In a key breakthrough, the team led by Dr. Ohl developed a technique that could differentiate between contaminants and nanobubbles. Using that technique, the team proved optically that nanobubbles are indeed real gaseous objects.
This work was published in Physical Review Letters and highlighted in Physical Review Focus and Physics Today.
C. U. Chan, L. Chen, M. Arora, C. D. Ohl. 2015. Collapse of surface nanobubbles. Physical Review Letters. vol. 114.
Discovery of the Left-handed DNA G-quadruplex (Phan Anh Tuan)
DNA is universally known for its double helix structure. Less well known is the fact that DNA can be in the alternative form of a four-stranded structure known as G-quadruplex (or G4).
G-quadruplex is highly polymorphic, which is to say, it can exist in many different forms. However, only right-handed helical forms had been observed so far.

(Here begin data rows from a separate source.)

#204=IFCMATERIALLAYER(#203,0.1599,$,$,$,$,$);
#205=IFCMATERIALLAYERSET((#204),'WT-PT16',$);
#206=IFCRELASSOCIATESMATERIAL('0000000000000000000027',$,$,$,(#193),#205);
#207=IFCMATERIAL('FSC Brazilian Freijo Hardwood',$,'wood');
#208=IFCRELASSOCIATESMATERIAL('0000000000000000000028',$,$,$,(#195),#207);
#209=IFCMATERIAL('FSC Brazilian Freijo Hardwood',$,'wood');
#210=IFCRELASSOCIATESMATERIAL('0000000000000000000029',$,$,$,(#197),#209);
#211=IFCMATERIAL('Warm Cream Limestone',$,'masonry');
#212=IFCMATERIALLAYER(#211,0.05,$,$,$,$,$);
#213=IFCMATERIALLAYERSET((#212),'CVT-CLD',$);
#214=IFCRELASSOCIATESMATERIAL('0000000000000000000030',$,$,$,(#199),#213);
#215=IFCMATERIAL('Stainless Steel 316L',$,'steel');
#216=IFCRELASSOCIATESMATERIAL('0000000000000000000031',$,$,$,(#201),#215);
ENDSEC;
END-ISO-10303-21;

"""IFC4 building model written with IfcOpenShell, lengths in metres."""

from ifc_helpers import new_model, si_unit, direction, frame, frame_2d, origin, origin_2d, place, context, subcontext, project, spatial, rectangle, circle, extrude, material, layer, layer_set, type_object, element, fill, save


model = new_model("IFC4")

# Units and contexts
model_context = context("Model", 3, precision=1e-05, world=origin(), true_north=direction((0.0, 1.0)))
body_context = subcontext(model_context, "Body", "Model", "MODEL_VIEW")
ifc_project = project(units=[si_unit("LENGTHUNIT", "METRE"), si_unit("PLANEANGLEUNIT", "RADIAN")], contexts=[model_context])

The G-quadruplex structure has been implicated in cellular processes and is particularly promising for application in the fields of therapeutics and nanotechnology.
Using nuclear magnetic resonance and X-ray crystallography, Dr. Phan and his colleagues became the first to observe a left-handed DNA G4 that contains structural features that can be exploited as unique recognition elements.
Their work was published in the journal Proceedings of the National Academy of Sciences of the United States of America in February 2015.
Chung W.J., Heddi B., Schmitt E., Lim K.W., Mechulam Y., Phan A.T. 2015. Structure of a left-handed DNA G-quadruplex. Proc. Natl. Acad. Sci. U.S.A. 112, 2729-2733.